|
Published: October 19, 2010
"Strike while the
iron is hot," is the new catchphrase in Private Equity (PE)
circles. Conditions are perfectly in place to do deals, and you
can expect to hear of many more this winter. Just this week,
Yahoo! (Nasdaq: YHOO), Wendy's/Arby's (NYSE: WEN) and
Seagate (NYSE: STX) are surging on word that PE investors
are sniffing around. This frenzy of potential deal-making comes
as many public companies are cash-rich but undervalued.
To pull off a deal the size of Yahoo! is no mean feat. The
company's
market value already exceeds $20 billion. Seagate, which is
now valued at around $6 billion, is typically more in line with
an ideal size for PE investors, several of whom got burned in
the last decade from deals that were simply too large to digest.
PE firms also made the mistake back then of ignoring balance
sheets, instead identifying debt-laden targets upon which they
heaped even more debt. These days, PE buyers prefer to see lots
of cash on the books so they can easily talk a bank into lending
them the money to finance a deal. With interest rates quite low,
the economics of deal-making are very compelling.
These PE firms hope to take companies private while they're
cheap and then bring them public (or find another buyer) when
valuations improve. But buyers beware: by the time that a
company goes public again, debt levels can be alarmingly high.

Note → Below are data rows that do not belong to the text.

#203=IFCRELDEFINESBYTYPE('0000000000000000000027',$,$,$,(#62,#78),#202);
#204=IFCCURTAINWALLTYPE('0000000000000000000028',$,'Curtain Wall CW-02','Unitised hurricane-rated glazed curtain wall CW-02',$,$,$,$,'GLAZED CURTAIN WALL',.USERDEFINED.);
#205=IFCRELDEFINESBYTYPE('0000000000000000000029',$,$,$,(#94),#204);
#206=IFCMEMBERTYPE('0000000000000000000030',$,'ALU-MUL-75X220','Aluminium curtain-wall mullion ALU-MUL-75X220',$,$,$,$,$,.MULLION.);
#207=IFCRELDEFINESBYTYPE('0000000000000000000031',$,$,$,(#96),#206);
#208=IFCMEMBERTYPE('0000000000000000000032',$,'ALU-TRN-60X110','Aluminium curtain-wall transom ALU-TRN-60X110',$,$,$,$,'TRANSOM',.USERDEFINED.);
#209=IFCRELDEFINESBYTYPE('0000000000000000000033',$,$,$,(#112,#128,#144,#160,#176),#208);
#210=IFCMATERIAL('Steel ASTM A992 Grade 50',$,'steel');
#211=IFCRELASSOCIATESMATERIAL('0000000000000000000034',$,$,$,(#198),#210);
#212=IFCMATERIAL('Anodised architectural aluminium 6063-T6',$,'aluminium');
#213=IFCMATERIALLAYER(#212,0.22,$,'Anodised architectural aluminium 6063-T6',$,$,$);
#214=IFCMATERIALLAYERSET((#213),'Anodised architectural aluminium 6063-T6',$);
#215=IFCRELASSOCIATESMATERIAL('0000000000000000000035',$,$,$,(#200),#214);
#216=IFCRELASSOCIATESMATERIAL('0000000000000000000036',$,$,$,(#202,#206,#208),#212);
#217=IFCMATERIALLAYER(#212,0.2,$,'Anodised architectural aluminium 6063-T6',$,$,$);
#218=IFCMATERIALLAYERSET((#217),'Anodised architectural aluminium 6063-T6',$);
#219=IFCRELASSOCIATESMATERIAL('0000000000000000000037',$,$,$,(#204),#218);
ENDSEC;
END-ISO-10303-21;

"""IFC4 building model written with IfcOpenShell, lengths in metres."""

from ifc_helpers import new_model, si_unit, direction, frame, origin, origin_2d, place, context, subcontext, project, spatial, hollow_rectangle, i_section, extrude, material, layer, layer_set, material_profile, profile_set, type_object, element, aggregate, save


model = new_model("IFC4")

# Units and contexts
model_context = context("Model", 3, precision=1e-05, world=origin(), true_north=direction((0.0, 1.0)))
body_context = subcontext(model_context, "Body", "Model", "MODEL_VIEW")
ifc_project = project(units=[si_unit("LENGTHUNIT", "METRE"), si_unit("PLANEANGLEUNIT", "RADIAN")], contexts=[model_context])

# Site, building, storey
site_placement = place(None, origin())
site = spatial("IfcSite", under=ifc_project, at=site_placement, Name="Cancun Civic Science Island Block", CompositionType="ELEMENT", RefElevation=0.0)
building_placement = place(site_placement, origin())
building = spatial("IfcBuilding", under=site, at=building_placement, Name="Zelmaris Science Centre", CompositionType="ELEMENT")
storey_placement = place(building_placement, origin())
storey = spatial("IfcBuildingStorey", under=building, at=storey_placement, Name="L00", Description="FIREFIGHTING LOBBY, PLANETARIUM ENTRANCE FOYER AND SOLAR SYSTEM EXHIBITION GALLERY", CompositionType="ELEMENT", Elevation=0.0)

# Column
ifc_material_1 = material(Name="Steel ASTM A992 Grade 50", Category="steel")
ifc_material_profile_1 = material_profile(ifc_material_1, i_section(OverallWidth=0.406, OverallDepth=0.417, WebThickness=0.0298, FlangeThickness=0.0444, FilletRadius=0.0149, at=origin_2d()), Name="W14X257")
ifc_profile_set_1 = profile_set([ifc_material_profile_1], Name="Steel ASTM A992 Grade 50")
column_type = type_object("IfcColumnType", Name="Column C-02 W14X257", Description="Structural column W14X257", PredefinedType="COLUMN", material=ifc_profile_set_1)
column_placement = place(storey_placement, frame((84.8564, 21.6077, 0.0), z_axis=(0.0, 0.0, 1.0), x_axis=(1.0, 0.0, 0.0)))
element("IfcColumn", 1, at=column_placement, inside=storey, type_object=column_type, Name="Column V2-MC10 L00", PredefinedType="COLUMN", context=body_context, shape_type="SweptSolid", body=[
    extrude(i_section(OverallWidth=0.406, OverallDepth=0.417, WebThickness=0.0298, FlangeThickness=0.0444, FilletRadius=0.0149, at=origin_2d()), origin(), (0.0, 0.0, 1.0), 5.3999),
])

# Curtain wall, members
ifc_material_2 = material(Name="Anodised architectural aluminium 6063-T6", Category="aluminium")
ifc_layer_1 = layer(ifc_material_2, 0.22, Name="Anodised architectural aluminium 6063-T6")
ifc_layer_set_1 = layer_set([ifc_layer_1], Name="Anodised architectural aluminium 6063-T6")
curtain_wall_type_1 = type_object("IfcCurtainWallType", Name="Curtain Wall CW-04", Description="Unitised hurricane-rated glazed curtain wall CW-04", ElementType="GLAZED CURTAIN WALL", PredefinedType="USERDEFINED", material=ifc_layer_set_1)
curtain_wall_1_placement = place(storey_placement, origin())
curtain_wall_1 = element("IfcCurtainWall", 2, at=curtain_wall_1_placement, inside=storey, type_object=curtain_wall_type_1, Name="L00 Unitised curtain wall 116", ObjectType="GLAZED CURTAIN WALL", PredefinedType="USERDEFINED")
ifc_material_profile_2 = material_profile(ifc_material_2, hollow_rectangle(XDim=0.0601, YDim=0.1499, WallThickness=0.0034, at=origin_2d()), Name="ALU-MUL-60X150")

For example, Hertz Global Holdings (NYSE: HTZ) was taken
private in 2003 and then brought back public in 2006 through an
IPO. Shares plunged below $5 in 2008 when a massive
debt load suddenly became a scary prospect in an economic
downturn.
To be sure, many potential PE candidates have already surged and
would be risky to buy at this point. Names such as CommVault
(Nasdaq: CVLT), Isilion Systems (Nasdaq: ISLN) and
NetScout Systems (Nasdaq: NTCT) have already seen
considerable buyout buzz.
With all that in mind, here is a quick list of five companies
that appear to be attractive targets for the PE crowd, yet still
appear undervalued.
1. Symantec (Nasdaq: SYMC)
-- Shares of this data security and storage vendor started to
rebound after Intel (Nasdaq: INTC) bought rival McAfee
(NYSE: MFE).
2. Integrated Silicon Solutions (Nasdaq: ISSI) -- This
company checks all the boxes that PE firms look for. It sports a
reasonable $236 million market value, has roughly $90 million in
net cash, is nicely profitable -- trading at less than six times
earnings, and is utterly unloved. Semiconductor stocks are far
out of favor right now, and this maker of embedded chips that go
into a wide range of applications could be acquired and combined
with another PE holding to make a larger chip company.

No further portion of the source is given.